Less is Exponentially More (2012) - korethr
https://commandcenter.blogspot.com/2012/06/less-is-exponentially-more.html
======
emtel
Rob Pike's confusion about why C++ programmers didn't want to move to go is
partially explained by his focus on a particular problem domain at the time Go
was being developed. Google in those days was primarily concerned with writing
highly concurrent request processing software, and at that time the vast
majority of that software was written in C++. Writing highly concurrent C++ in
the days before the language had things like lambdas, std::function,
std::future, etc was definitely gross. In practice, a lot of the concurrent
C++ code from that time period took on the callback-hell flavor of node.js
code, but without the concise nature of JS. It was gross.

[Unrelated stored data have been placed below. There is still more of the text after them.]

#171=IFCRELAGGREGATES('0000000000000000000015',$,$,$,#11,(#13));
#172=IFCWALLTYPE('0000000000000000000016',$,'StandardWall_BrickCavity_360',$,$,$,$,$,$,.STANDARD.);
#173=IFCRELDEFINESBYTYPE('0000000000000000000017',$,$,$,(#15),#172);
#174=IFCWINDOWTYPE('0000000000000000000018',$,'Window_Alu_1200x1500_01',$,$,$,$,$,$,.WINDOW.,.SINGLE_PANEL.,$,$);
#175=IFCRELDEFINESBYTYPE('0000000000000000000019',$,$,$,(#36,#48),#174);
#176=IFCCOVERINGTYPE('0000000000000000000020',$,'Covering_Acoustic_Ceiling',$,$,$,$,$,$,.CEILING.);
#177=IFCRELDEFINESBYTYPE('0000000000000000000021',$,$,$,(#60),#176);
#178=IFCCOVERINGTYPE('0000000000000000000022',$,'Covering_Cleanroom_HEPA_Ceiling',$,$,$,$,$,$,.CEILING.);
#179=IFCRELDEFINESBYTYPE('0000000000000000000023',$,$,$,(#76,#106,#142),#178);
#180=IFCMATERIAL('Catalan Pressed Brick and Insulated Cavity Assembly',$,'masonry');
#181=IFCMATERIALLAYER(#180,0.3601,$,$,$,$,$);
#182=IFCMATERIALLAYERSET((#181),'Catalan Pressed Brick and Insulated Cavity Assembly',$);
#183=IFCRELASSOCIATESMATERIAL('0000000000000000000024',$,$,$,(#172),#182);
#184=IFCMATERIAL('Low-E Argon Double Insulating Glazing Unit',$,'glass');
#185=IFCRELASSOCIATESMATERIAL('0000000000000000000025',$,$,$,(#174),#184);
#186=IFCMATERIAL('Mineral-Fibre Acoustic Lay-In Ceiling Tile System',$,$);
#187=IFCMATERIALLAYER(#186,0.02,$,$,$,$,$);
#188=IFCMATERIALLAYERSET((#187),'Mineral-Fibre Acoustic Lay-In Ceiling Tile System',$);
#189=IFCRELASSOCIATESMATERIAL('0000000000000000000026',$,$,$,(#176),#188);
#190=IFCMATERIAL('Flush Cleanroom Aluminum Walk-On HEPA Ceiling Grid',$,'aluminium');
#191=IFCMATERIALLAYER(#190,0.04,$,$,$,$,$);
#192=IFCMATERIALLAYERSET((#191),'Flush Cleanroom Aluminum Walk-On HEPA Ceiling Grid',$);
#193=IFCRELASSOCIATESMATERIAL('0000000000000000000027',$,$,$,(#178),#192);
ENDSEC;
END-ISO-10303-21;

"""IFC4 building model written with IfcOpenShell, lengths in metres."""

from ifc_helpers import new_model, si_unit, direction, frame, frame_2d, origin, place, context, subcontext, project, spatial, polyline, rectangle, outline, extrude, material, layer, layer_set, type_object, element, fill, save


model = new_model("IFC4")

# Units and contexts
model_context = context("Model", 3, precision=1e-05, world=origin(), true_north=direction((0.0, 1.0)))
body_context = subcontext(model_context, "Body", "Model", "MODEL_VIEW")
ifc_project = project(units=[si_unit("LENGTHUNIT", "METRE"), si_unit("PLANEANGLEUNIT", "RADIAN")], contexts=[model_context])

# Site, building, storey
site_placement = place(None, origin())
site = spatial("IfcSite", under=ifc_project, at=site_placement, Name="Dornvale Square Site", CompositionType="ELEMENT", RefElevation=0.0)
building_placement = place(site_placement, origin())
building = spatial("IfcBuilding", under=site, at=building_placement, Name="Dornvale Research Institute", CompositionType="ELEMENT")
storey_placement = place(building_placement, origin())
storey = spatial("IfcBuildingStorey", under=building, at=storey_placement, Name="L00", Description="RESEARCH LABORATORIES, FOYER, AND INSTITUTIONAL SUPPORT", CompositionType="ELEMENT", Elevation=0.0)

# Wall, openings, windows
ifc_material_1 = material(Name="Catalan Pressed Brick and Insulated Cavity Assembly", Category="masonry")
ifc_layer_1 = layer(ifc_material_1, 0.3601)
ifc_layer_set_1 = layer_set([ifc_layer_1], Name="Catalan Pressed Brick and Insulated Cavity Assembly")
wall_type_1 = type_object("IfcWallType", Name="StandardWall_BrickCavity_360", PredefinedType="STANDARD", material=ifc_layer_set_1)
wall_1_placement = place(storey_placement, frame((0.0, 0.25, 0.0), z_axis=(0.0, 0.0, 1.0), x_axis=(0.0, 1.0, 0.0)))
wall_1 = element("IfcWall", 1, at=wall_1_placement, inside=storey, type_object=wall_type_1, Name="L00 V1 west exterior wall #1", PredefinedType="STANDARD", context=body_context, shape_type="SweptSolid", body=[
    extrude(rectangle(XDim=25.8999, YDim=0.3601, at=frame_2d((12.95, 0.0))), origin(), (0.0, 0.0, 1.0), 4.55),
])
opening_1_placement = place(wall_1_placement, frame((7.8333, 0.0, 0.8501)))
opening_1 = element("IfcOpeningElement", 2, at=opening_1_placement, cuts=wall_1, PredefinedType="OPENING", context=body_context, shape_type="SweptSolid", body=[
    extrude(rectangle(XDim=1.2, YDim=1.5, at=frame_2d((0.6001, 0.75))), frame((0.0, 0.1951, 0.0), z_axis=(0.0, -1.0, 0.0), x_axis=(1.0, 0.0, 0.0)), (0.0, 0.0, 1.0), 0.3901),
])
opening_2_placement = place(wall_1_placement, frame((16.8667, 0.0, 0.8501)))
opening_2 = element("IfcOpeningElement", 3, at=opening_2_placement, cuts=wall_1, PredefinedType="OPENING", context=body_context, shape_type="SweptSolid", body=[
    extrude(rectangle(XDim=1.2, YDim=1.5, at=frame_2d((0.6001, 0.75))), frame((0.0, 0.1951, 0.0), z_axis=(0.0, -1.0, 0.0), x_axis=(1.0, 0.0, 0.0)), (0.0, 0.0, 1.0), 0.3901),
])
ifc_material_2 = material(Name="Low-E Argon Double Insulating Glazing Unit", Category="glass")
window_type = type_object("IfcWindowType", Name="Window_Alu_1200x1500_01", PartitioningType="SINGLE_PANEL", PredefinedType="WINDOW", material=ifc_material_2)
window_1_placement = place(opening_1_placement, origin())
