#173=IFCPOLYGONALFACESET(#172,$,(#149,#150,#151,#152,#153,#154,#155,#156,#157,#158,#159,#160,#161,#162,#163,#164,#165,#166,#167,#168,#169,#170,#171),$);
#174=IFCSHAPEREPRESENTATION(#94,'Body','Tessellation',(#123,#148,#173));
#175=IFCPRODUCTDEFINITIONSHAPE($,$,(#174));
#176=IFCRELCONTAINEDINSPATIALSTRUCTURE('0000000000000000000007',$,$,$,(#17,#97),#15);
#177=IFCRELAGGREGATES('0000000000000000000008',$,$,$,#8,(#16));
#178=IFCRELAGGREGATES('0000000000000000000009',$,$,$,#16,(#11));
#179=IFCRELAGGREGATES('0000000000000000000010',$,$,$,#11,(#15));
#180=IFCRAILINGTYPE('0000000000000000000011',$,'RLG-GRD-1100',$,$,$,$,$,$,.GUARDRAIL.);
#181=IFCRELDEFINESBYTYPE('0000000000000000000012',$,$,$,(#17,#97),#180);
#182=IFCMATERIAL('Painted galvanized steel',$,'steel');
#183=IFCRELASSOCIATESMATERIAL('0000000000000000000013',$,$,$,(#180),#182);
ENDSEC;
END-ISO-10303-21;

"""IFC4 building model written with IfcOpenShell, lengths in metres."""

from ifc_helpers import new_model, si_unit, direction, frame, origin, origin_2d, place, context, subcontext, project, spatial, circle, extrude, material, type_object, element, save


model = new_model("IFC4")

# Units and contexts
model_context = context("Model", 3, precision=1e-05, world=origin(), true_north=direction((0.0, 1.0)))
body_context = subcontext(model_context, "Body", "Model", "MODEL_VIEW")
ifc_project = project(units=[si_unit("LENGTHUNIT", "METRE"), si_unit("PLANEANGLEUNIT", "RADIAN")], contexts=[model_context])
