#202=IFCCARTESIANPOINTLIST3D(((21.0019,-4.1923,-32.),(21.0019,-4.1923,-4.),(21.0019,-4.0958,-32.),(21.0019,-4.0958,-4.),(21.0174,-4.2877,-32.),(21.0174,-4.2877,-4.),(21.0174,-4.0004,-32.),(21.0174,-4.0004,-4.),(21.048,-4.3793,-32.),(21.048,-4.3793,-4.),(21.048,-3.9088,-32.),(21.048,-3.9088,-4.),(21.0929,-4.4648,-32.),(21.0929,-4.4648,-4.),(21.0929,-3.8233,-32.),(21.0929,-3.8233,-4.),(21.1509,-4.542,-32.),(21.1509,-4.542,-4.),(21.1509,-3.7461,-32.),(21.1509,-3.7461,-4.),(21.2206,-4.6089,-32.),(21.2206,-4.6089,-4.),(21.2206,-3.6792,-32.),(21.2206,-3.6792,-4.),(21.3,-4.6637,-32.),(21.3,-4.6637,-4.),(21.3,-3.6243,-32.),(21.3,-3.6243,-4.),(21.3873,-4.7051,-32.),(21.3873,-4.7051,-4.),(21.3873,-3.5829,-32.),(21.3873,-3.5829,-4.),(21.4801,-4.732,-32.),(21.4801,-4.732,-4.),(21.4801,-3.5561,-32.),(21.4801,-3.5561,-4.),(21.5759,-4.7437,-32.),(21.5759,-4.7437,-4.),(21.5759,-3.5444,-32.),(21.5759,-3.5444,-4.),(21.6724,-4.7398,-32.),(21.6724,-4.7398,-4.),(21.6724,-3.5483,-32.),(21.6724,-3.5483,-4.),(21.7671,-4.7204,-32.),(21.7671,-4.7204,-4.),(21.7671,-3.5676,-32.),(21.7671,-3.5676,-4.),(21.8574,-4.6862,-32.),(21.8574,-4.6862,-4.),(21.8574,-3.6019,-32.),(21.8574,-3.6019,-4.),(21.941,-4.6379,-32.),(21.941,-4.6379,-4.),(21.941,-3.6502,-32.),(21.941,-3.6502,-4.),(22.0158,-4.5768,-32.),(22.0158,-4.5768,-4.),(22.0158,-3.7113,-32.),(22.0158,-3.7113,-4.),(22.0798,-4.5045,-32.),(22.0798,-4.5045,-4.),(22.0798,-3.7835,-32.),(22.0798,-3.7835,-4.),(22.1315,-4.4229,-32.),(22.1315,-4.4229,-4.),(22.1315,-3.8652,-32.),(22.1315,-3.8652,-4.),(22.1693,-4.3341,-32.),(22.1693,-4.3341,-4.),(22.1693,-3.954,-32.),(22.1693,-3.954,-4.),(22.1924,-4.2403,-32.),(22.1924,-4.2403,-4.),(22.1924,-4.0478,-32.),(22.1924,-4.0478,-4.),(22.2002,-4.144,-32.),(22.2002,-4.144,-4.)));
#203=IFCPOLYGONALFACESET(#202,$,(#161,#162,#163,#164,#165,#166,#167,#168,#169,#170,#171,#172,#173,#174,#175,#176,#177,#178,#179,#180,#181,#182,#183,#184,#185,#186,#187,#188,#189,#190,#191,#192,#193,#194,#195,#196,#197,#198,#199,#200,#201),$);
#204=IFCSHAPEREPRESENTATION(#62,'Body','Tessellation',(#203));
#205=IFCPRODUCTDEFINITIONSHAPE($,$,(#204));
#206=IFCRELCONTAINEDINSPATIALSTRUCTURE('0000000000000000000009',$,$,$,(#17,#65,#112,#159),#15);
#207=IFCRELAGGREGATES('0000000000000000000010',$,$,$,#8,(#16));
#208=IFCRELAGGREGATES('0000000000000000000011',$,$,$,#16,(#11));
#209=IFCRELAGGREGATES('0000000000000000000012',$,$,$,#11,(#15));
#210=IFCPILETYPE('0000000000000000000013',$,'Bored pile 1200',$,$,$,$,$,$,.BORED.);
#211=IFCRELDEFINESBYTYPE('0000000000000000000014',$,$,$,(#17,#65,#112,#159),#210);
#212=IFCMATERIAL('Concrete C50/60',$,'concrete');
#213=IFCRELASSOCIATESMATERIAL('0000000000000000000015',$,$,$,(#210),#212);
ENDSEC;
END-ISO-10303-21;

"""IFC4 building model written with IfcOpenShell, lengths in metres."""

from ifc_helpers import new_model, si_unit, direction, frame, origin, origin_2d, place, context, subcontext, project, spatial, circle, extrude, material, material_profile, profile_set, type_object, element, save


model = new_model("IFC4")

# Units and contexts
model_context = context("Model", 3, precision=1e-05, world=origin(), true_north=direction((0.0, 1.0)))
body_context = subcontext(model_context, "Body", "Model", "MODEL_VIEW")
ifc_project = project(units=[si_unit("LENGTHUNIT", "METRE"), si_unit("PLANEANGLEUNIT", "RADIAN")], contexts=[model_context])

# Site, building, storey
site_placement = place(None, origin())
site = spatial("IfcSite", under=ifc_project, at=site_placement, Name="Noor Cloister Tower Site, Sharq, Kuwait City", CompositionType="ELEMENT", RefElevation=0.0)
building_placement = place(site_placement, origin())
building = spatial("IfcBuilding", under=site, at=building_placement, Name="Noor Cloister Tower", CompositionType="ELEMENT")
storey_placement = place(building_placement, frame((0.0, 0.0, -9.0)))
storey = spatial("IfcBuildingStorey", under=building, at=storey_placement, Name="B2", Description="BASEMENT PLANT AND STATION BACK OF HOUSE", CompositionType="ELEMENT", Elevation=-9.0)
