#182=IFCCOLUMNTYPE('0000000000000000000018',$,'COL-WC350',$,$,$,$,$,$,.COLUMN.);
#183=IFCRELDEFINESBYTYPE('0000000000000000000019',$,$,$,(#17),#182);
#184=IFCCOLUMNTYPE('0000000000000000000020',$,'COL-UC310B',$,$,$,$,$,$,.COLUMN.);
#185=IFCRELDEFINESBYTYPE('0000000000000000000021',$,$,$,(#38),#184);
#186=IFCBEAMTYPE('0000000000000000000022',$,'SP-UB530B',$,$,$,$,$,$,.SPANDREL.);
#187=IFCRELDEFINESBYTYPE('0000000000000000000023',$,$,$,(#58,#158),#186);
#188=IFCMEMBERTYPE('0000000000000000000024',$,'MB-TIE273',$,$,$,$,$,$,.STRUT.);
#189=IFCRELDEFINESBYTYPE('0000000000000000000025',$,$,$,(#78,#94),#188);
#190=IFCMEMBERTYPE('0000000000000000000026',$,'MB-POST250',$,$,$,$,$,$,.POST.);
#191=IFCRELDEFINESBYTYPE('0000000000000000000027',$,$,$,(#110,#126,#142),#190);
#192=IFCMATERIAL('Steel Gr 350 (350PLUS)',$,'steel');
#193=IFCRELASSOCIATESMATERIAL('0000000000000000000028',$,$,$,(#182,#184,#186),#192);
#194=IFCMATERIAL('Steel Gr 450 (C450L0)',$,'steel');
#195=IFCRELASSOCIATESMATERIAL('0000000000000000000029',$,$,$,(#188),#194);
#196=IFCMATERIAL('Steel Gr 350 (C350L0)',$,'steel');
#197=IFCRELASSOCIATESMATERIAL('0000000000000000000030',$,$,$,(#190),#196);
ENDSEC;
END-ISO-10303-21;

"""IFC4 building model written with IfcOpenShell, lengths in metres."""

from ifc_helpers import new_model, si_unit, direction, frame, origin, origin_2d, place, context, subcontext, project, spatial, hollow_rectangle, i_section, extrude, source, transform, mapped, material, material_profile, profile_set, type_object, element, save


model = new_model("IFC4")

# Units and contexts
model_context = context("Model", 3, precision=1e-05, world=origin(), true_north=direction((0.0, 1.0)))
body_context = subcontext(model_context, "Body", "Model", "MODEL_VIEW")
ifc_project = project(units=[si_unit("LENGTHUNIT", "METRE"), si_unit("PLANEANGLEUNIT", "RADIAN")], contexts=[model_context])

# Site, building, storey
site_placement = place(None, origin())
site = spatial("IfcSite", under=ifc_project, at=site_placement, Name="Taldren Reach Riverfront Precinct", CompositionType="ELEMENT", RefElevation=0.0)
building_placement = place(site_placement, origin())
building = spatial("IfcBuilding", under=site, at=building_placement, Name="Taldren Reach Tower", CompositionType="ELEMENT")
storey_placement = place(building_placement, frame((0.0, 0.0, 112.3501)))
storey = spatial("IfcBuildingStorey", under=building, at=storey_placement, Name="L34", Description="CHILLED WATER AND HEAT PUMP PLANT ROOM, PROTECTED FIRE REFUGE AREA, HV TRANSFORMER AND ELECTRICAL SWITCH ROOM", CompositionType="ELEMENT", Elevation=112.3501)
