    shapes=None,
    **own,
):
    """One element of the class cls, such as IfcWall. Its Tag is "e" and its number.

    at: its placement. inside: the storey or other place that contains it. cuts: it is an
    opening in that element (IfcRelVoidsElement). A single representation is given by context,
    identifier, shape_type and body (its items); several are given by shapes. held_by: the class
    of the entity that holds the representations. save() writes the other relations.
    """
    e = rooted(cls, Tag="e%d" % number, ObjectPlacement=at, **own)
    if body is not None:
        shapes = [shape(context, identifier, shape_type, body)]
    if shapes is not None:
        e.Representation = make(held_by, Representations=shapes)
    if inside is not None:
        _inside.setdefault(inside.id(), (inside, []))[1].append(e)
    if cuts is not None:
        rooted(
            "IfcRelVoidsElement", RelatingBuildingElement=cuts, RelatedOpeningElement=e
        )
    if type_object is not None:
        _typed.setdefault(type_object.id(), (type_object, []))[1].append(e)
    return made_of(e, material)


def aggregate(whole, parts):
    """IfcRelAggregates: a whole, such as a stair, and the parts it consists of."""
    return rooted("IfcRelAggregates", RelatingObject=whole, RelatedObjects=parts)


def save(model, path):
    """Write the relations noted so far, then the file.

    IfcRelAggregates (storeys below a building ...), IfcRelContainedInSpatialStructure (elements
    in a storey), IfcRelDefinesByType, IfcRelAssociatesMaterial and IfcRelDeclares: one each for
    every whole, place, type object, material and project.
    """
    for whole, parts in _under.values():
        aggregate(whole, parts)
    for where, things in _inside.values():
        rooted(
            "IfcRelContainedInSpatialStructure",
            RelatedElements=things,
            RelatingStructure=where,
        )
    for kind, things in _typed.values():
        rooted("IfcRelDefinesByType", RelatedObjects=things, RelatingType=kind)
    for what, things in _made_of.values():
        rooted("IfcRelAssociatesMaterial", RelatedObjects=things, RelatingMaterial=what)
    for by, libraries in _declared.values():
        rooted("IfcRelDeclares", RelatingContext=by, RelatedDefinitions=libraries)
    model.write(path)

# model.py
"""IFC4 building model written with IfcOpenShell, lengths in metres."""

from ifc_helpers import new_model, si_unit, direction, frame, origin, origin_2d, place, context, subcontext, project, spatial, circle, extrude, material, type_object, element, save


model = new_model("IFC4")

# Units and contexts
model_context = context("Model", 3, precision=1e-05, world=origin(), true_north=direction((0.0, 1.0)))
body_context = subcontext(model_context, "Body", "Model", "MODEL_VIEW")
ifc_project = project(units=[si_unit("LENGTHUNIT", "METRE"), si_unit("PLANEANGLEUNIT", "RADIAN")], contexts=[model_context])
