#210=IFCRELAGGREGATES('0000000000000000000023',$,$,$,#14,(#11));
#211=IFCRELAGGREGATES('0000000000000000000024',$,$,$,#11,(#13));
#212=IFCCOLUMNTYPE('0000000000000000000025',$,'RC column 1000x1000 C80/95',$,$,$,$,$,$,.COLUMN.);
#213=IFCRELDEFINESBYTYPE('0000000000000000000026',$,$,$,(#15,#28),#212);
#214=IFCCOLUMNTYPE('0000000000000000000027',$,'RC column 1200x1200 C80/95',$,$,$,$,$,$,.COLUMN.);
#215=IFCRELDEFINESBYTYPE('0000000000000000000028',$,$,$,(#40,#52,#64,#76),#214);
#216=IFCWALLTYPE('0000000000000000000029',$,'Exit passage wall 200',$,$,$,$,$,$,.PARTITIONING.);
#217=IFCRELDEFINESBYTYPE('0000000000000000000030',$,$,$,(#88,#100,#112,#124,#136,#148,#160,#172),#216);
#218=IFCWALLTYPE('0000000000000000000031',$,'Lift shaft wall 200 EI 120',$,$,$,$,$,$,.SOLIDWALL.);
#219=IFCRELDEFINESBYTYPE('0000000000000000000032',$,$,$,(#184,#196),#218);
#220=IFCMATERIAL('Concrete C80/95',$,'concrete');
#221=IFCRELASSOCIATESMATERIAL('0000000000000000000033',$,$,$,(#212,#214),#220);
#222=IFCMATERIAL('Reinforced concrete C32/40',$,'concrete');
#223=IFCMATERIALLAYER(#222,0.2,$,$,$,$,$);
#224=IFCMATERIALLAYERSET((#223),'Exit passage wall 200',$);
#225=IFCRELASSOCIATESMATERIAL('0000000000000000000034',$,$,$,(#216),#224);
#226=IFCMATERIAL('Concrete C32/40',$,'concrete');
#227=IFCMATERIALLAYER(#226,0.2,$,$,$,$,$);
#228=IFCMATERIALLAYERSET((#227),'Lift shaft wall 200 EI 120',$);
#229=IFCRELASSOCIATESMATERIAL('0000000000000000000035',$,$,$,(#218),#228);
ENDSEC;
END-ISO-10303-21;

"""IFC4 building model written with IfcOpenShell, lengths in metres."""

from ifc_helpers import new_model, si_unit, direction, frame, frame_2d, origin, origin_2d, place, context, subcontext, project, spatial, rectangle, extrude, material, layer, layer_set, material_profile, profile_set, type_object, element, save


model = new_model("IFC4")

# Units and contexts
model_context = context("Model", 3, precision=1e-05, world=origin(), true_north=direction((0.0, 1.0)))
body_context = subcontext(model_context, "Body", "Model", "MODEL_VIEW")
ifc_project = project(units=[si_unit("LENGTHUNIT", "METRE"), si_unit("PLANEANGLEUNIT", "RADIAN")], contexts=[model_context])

Go is _obviously_ a superior language to C++ for writing concurrent programs
in every way except possibly when you need to achieve maximum possible
throughput (as in google's search clusters) or minimum possible latency (are
HFT shops switching to go? I honestly don't know). However, outside of a few
companies that have huge capacity problems, people weren't writing concurrent
request serving programs in C++. They were using Python, Java, etc., and
later, Node.js. So its no surprise that people flocked to Go from those
languages and not C++, because there wasn't a huge population of C++
programmers in this problem domain looking for a better language in the first
place.

The other C++ programmers were down the hall, working on Chrome and Android
(which has a ton of C/C++, despite Java being the primary app development
language). The reason they didn't, can't, and won't switch is that managed
languages like Go are not well suited to highly resource constrained
environments like phones, or browsers that are supposed to run on win XP
machines. (To say nothing of games).

The advantage of C++ is not, as Pike pompously suggests, that C++ programmers
have too much fun playing around with templates and other navel-gazing
pursuits. The advantage is that it is a high-level language that lets you do
what you need to do with very, very close to the minimum possible resource
usage. And there are programming environments where that really matters, and
those environments are never going away.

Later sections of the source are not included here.